'Hack the Dinos' Helps Paleontologi...
'Hack the Dinos' Helps Paleontologists
Kaleigh Clary, a computer science graduate student at the University of Massachusetts Amherst, drove down to offer a day of free work for the American Museum of Natural History.
"Dinosaurs, man," Ms. Clary said.
Computer programmers, it appears, like dinosaurs, a lot.
She was one of almost 150 people who gathered for the museum's "Hack the Dinos" challenge in November to create software tools to help dinosaur scientists.
Like many fields of science, paleontology is now awash in data. Paleontologists no longer just look at and describe fossils. They also put the bones in CT scanners, generating gigabytes of images and data. That opens up new research like reconstructing the size and shapes of the brains of dinosaurs and comparing them with those of modern birds, which descended from dinosaurs.
That analysis can be excruciatingly laborious. For each X-ray slice of the skull, a scientist typically has to trace the outline of the interior space. (The edge between rock and fossil is not always obvious.)
Hackathons have become a popular way of enlisting enthusiastic programmers to produce software in bursts of a few hours to a few days. The museum put out a challenge looking for help "as a way to volunteer," said Christina Wallace, one of the hackathon organizers. "It's a pro bono challenge."
Winners received one-year memberships to the museum and three-dimensional printed busts of Theodore Roosevelt. "More importantly, they'll get bragging rights for the next 12 months," Ms. Wallace said.
"Hack the Dinos" was the museum's second hackathon. A year earlier, the challenge was "Hack the Universe," to crunch through astronomy data.
The museum's paleontologists brainstormed for months about digital tools that they wished existed.
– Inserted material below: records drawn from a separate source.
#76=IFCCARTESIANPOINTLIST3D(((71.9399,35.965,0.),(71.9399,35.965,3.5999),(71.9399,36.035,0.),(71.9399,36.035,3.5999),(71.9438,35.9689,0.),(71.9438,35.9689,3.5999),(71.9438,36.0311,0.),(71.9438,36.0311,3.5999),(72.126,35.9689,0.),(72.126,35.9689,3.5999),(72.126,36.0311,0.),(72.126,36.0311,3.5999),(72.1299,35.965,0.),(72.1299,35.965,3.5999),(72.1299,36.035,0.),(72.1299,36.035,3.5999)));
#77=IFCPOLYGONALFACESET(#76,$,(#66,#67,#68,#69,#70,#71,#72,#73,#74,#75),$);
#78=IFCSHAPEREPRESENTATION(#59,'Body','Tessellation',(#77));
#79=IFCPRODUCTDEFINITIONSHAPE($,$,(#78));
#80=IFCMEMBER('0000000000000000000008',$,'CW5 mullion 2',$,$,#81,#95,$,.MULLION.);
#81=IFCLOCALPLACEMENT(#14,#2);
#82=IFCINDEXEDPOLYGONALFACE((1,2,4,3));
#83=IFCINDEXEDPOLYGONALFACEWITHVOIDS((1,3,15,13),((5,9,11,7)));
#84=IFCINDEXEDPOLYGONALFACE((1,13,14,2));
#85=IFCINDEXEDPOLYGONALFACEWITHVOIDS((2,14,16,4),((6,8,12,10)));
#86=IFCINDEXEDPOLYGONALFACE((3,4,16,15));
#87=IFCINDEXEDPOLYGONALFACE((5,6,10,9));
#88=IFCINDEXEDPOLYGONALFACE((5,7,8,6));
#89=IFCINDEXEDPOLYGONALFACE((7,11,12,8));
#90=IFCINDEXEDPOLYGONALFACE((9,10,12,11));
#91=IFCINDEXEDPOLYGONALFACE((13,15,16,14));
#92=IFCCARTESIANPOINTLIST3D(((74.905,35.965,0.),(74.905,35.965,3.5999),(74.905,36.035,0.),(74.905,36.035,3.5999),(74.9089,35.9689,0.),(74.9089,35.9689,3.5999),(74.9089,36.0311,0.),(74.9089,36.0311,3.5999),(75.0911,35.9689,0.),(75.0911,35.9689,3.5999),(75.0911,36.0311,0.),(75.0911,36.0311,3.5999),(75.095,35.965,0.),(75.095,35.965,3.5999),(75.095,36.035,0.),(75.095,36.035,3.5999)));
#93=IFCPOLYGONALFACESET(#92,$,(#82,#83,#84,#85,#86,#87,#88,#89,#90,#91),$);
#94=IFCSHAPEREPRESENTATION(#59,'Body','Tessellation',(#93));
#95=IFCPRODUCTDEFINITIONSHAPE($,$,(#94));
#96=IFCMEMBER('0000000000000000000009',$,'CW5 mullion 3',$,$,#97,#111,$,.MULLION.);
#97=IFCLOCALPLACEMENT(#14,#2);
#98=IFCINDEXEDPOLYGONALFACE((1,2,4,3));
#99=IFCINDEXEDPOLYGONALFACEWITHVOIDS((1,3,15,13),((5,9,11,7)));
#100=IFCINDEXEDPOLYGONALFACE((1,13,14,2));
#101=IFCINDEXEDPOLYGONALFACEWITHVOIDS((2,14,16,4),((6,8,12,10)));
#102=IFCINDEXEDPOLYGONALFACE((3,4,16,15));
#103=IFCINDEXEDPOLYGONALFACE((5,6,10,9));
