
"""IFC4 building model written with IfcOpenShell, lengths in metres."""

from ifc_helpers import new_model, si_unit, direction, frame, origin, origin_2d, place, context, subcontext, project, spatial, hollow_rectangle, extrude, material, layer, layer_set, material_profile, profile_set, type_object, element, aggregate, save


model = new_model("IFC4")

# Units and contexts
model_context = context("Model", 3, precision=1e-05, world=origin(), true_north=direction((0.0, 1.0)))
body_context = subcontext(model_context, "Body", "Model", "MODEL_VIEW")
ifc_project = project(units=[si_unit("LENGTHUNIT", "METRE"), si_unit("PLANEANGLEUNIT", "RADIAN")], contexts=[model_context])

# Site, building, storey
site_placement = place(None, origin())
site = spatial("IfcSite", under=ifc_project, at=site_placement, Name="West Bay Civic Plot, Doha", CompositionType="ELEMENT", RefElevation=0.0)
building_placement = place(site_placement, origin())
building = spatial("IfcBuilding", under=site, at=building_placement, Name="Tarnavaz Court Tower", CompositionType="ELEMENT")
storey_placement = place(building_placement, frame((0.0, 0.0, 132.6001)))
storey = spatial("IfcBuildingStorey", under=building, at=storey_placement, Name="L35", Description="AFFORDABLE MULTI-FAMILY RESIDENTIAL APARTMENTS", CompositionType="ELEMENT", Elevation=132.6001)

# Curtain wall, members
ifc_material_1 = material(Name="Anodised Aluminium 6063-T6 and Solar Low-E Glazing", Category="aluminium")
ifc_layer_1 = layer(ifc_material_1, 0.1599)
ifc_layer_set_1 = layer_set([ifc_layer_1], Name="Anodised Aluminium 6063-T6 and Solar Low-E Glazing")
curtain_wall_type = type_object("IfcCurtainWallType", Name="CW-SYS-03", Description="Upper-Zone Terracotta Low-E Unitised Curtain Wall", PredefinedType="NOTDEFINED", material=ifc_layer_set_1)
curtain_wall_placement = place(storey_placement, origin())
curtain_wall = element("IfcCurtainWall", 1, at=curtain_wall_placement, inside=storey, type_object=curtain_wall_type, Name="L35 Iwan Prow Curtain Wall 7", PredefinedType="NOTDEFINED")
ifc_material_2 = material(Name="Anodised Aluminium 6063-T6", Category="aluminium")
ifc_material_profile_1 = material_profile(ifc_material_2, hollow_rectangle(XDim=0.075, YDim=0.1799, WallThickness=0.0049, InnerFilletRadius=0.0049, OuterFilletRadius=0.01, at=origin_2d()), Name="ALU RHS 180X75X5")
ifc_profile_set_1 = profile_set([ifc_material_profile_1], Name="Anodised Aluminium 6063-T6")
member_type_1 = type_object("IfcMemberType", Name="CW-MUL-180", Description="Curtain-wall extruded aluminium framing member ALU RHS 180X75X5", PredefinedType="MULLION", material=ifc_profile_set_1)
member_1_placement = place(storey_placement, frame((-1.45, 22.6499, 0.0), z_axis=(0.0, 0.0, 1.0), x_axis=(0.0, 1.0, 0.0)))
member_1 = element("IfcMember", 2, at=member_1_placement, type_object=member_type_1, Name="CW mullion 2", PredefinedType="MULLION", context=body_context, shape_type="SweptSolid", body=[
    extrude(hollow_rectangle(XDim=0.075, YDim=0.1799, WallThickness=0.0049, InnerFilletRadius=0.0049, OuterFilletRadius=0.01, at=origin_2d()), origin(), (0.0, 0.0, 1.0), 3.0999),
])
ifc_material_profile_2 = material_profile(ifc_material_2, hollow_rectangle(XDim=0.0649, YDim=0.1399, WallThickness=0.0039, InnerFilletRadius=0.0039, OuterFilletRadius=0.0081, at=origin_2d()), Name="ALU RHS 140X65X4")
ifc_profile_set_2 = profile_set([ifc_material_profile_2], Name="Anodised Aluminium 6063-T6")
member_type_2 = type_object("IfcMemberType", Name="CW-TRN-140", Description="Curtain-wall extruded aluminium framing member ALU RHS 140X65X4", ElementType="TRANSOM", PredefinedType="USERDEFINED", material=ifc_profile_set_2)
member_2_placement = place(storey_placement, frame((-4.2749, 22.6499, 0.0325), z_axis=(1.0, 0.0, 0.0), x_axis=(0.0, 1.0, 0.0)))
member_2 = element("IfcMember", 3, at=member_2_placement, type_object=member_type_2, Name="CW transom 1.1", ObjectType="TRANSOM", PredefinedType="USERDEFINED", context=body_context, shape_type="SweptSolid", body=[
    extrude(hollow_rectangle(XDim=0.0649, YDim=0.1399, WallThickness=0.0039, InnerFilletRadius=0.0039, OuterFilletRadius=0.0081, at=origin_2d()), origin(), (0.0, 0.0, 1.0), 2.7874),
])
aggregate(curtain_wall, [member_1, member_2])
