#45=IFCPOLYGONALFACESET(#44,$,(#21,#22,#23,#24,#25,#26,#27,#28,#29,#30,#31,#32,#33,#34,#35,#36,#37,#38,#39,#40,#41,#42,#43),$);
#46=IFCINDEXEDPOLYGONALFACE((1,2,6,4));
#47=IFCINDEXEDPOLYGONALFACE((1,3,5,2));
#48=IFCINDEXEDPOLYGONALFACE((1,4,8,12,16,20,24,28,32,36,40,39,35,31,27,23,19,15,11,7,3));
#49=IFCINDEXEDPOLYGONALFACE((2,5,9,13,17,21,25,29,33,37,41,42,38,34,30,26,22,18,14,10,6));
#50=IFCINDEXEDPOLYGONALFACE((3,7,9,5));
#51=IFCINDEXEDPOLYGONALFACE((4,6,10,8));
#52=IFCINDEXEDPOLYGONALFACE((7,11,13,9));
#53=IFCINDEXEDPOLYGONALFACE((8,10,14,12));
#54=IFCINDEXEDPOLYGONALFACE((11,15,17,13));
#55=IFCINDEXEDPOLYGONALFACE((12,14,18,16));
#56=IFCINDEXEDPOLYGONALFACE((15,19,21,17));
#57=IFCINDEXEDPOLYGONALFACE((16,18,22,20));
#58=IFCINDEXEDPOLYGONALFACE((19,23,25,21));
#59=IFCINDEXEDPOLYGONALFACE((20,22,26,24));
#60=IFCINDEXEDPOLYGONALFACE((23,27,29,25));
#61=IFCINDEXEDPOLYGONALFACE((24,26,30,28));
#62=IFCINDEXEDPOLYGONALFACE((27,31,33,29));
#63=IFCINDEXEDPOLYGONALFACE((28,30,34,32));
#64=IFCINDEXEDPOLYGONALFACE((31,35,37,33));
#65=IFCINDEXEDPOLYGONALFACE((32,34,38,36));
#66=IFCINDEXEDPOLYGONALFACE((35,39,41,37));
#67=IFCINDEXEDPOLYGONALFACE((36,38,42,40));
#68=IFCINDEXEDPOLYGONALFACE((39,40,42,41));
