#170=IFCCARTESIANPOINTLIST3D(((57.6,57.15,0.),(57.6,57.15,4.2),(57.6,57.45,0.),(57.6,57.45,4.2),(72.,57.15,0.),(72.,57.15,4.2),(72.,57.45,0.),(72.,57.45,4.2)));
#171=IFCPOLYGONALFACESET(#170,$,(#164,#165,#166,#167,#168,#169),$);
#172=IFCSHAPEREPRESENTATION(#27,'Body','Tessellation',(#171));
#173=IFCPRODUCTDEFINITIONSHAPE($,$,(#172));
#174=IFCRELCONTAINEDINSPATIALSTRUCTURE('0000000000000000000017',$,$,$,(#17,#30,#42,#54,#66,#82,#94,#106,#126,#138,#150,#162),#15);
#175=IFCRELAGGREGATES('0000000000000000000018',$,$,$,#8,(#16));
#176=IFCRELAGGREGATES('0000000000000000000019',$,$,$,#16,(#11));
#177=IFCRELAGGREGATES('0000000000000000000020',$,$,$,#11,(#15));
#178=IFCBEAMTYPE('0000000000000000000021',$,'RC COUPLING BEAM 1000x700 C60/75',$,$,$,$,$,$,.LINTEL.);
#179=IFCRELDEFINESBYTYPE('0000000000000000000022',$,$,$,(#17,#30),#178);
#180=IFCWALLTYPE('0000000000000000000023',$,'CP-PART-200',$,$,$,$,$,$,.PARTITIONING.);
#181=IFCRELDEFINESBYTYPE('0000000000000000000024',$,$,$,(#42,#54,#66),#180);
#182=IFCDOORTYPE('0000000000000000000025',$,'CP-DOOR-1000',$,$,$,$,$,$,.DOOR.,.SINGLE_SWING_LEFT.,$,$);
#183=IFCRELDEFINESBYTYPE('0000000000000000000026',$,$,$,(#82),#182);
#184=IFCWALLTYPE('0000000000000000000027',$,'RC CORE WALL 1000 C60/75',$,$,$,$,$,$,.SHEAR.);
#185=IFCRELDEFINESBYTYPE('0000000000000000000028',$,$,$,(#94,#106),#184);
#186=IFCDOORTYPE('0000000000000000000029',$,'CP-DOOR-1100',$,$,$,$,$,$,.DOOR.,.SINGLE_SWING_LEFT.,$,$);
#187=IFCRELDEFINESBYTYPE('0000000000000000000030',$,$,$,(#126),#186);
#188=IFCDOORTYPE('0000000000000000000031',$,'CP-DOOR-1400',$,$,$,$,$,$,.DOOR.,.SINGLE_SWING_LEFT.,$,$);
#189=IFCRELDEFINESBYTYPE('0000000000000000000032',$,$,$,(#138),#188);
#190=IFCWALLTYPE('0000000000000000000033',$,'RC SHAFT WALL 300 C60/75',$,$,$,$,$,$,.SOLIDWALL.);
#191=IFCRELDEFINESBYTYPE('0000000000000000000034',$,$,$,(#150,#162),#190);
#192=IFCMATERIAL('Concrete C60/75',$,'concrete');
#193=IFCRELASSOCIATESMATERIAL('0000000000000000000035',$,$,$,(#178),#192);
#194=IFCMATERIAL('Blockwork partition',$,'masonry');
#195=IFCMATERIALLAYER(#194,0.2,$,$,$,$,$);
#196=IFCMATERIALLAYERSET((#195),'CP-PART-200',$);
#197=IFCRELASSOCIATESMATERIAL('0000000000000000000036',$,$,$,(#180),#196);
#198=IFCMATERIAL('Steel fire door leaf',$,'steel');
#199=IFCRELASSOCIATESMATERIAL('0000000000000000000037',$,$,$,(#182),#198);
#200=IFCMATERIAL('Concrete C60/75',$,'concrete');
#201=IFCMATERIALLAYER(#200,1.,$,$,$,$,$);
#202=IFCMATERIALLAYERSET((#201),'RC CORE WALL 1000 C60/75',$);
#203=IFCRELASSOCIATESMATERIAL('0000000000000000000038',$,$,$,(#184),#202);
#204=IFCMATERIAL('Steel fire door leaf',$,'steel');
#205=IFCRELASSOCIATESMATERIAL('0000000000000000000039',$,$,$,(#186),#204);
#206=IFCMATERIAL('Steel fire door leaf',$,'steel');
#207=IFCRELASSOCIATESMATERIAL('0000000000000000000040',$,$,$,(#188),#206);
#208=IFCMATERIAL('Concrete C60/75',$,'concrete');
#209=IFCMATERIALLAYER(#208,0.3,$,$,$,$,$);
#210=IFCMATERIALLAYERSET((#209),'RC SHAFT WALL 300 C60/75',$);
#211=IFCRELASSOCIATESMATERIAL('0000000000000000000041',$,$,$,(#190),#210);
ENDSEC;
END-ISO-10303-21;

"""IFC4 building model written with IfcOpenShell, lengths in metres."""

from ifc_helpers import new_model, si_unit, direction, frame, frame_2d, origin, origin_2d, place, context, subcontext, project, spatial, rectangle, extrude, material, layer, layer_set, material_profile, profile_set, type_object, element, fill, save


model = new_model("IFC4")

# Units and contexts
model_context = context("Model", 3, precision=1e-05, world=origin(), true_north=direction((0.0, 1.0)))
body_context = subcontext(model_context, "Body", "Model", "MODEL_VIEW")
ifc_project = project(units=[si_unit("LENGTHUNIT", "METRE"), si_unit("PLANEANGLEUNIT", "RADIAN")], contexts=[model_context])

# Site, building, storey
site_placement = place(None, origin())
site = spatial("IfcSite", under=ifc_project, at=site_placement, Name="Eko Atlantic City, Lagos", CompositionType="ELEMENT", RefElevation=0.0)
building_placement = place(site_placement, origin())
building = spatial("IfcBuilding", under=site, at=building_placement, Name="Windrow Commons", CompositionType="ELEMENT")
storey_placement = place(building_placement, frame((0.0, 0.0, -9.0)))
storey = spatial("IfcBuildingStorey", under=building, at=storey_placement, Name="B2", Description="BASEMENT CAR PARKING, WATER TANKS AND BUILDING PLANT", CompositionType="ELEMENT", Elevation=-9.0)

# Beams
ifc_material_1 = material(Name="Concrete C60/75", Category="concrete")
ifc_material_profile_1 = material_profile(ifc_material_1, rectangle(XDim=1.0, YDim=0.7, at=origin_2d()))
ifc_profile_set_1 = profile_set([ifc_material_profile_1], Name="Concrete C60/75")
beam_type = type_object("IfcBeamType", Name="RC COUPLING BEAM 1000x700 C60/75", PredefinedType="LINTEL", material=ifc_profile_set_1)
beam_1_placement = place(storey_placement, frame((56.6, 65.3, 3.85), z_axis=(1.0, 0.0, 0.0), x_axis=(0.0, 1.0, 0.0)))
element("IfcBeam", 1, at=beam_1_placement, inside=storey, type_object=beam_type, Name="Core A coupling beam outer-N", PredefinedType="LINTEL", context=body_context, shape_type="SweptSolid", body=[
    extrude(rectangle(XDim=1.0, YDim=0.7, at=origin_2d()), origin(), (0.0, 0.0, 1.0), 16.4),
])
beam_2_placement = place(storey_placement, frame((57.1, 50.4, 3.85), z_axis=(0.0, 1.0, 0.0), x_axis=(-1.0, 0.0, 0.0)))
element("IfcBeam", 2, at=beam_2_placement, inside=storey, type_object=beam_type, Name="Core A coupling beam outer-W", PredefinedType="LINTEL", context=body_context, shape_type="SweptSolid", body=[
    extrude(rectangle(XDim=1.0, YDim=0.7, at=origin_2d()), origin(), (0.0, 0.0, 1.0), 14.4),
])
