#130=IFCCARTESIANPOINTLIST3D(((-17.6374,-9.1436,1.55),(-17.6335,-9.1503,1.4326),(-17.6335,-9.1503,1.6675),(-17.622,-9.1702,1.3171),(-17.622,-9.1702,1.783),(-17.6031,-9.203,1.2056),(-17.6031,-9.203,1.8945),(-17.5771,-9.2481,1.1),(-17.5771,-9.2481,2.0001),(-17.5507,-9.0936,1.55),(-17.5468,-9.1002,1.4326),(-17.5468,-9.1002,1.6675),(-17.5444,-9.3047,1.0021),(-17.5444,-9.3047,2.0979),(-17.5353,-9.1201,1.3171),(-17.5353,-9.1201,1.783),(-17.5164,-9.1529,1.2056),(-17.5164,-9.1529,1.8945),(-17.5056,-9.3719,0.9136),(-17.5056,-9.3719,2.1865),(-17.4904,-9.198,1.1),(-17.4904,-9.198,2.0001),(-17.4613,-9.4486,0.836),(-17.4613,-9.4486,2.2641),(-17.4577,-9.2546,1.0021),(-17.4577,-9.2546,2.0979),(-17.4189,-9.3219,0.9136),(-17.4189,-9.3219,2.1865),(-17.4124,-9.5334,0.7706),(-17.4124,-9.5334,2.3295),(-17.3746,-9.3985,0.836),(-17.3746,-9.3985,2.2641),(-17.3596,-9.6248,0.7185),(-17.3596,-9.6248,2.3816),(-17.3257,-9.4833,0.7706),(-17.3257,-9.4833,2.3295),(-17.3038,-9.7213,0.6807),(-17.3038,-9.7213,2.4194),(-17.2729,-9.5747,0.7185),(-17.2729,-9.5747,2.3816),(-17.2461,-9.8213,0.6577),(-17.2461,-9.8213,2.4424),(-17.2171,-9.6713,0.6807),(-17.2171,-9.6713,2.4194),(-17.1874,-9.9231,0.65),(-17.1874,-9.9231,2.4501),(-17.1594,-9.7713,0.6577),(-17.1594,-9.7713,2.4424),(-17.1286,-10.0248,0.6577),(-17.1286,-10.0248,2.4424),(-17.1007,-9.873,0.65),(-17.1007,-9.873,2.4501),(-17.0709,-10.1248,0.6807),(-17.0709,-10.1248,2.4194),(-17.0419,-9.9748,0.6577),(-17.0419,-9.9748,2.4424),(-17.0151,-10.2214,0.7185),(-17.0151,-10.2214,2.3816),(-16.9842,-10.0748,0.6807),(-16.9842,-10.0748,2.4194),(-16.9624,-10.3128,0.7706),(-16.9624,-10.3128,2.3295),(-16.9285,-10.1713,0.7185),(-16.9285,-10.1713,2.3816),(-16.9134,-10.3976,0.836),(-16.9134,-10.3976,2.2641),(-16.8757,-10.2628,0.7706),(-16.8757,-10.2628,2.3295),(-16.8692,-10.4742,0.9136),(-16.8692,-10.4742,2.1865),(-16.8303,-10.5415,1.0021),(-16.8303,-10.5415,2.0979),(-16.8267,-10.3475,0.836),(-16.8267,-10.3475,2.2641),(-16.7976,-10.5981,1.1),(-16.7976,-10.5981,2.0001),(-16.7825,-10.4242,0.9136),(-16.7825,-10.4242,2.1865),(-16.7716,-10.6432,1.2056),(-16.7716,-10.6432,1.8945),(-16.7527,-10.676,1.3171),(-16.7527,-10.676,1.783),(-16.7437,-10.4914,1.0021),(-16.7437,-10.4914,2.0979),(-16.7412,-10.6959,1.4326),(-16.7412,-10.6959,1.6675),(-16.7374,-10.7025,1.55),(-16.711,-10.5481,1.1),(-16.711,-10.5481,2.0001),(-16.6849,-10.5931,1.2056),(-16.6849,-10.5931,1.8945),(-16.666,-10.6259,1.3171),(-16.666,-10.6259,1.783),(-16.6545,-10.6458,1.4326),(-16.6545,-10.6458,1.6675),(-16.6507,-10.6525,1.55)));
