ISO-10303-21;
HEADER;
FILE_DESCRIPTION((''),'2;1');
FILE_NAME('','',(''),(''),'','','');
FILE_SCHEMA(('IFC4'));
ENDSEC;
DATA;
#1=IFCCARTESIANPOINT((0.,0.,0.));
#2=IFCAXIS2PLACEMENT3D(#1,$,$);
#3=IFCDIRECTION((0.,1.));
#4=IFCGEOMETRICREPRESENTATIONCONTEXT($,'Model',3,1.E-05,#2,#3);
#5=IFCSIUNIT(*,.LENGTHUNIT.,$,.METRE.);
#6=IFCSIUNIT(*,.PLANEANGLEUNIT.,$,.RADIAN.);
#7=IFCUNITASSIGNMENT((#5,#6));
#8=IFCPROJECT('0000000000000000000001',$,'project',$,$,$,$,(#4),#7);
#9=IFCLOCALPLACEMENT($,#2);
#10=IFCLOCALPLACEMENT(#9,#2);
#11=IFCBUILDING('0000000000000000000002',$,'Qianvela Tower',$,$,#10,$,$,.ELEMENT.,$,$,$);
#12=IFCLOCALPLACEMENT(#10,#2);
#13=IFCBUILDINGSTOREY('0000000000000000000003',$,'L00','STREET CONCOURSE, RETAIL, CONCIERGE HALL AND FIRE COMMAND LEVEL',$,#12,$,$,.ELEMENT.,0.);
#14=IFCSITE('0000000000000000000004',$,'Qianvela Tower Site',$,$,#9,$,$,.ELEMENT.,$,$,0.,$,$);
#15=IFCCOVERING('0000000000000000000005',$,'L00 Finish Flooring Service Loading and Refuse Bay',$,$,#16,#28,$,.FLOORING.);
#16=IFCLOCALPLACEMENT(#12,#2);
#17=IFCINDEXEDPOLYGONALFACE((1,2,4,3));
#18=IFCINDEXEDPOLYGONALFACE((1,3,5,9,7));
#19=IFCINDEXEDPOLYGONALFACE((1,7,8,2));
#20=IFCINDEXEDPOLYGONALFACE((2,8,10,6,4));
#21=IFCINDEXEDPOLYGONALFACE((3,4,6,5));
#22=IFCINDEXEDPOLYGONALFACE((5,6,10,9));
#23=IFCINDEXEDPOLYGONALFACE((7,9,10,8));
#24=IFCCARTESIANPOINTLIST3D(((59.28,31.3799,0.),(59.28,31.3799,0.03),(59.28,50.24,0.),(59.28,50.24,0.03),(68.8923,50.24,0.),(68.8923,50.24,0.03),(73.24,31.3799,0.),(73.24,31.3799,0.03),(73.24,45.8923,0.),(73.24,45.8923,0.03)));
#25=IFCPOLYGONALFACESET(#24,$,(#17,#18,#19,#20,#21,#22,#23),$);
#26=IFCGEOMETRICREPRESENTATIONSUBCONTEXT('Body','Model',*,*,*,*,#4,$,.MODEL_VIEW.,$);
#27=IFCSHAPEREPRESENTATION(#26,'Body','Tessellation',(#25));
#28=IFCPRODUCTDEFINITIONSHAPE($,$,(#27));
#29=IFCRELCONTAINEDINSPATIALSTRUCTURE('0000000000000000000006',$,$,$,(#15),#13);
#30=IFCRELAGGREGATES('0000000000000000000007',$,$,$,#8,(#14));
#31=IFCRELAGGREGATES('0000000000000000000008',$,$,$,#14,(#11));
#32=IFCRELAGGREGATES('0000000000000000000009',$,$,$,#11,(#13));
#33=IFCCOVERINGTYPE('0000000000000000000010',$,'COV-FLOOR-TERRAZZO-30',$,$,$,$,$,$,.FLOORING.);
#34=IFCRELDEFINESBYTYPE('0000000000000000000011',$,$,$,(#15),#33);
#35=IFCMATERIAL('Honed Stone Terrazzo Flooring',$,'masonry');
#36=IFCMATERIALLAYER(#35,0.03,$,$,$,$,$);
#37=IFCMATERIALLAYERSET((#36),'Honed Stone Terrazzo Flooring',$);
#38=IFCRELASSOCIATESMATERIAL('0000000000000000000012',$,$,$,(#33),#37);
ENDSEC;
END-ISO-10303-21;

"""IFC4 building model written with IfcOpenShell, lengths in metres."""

from ifc_helpers import new_model, si_unit, direction, origin, place, context, subcontext, project, spatial, polyline, outline, extrude, material, layer, layer_set, type_object, element, save


model = new_model("IFC4")

# Units and contexts
model_context = context("Model", 3, precision=1e-05, world=origin(), true_north=direction((0.0, 1.0)))
body_context = subcontext(model_context, "Body", "Model", "MODEL_VIEW")
ifc_project = project(units=[si_unit("LENGTHUNIT", "METRE"), si_unit("PLANEANGLEUNIT", "RADIAN")], contexts=[model_context])

# Site, building, storey
site_placement = place(None, origin())
site = spatial("IfcSite", under=ifc_project, at=site_placement, Name="Qianvela Tower Site", CompositionType="ELEMENT", RefElevation=0.0)
building_placement = place(site_placement, origin())
building = spatial("IfcBuilding", under=site, at=building_placement, Name="Qianvela Tower", CompositionType="ELEMENT")
storey_placement = place(building_placement, origin())
storey = spatial("IfcBuildingStorey", under=building, at=storey_placement, Name="L00", Description="STREET CONCOURSE, RETAIL, CONCIERGE HALL AND FIRE COMMAND LEVEL", CompositionType="ELEMENT", Elevation=0.0)

# Covering
ifc_material_1 = material(Name="Honed Stone Terrazzo Flooring", Category="masonry")
ifc_layer_1 = layer(ifc_material_1, 0.03)
ifc_layer_set_1 = layer_set([ifc_layer_1], Name="Honed Stone Terrazzo Flooring")
covering_type_1 = type_object("IfcCoveringType", Name="COV-FLOOR-TERRAZZO-30", PredefinedType="FLOORING", material=ifc_layer_set_1)
covering_1_placement = place(storey_placement, origin())
element("IfcCovering", 1, at=covering_1_placement, inside=storey, type_object=covering_type_1, Name="L00 Finish Flooring Service Loading and Refuse Bay", PredefinedType="FLOORING", context=body_context, shape_type="SweptSolid", body=[
    extrude(outline(polyline([(68.8923, 50.24), (73.24, 45.8923), (73.24, 31.3799), (59.28, 31.3799), (59.28, 50.24), (68.8923, 50.24)])), origin(), (0.0, 0.0, 1.0), 0.03),
])

save(model, "model.ifc")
Automating skull analysis was one item on the wish list. Others included modernizing the venerable field notebook to the age of smartphones and converting cladograms — the family trees that show the evolutionary relationships among species — to digital formats. (Nowadays, paleontologists produce digital files that are easily shared and compared, but there are many more from earlier years that exist only on paper.)
The paleontologists also hoped to ease the workload of Carl Mehling, the museum staff member who replies when someone sends in a photograph with the question, "Is this a fossil?"
"This is doing good," said one of the participants, Peter Lenz, who works at the Dstillery, a New York company that takes a data science approach to marketing and branding. "You're doing it because you like dinosaurs."
The programmers, graphic designers and data scientists met on a Friday night to divide into teams and quiz paleontologists about the problems and data. They began hacking the next afternoon.
After the museum closed, some teams spread out among the quiet, empty dinosaur halls. "I really just wanted to stay overnight in the museum," said Jessie Contour, who is working on a master of fine arts degree at Parsons School of Design.
At 11:30 p.m., there was a dance party, although most participants remained sitting at their laptops. "Now if anyone gets deep vein thrombosis, it's not my fault," Ms. Wallace joked.
Later, museum volunteers set out cots for participants.
"There was a mouse that kept me company all night," said Gabriela Gutierrez, another participant. "Thank god for the cots."
In the morning, Ms. Wallace walked around blasting Taylor Swift music from a phone to wake everyone for a few more hours of work.
"I would be ashamed at the state of the code," Mr. Lenz said. "But for 22 hours without sleep, it's really great."
On Sunday afternoon, the teams presented what they had produced.
Ms. Contour was a member of a team that created a smartphone app, Foss'l, to help Mr. Mehling. "We wanted to combine the experience of being able to submit your fossils to poor Carl with a learning experience," she said.
She described it as "Tinder for fossils," referring to the popular dating app, tapping the wisdom of the masses in a gamelike app.Jack Tseng, a postdoctoral paleontological researcher at the museum who was a judge, said he was impressed by all of the efforts, but in particular "Sapling Detector," which converted the paper evolutionary trees to electronic format. Although not as flashy as some of the others, "that's something I would use right away," he said. "It solves the problem we were trying to solve."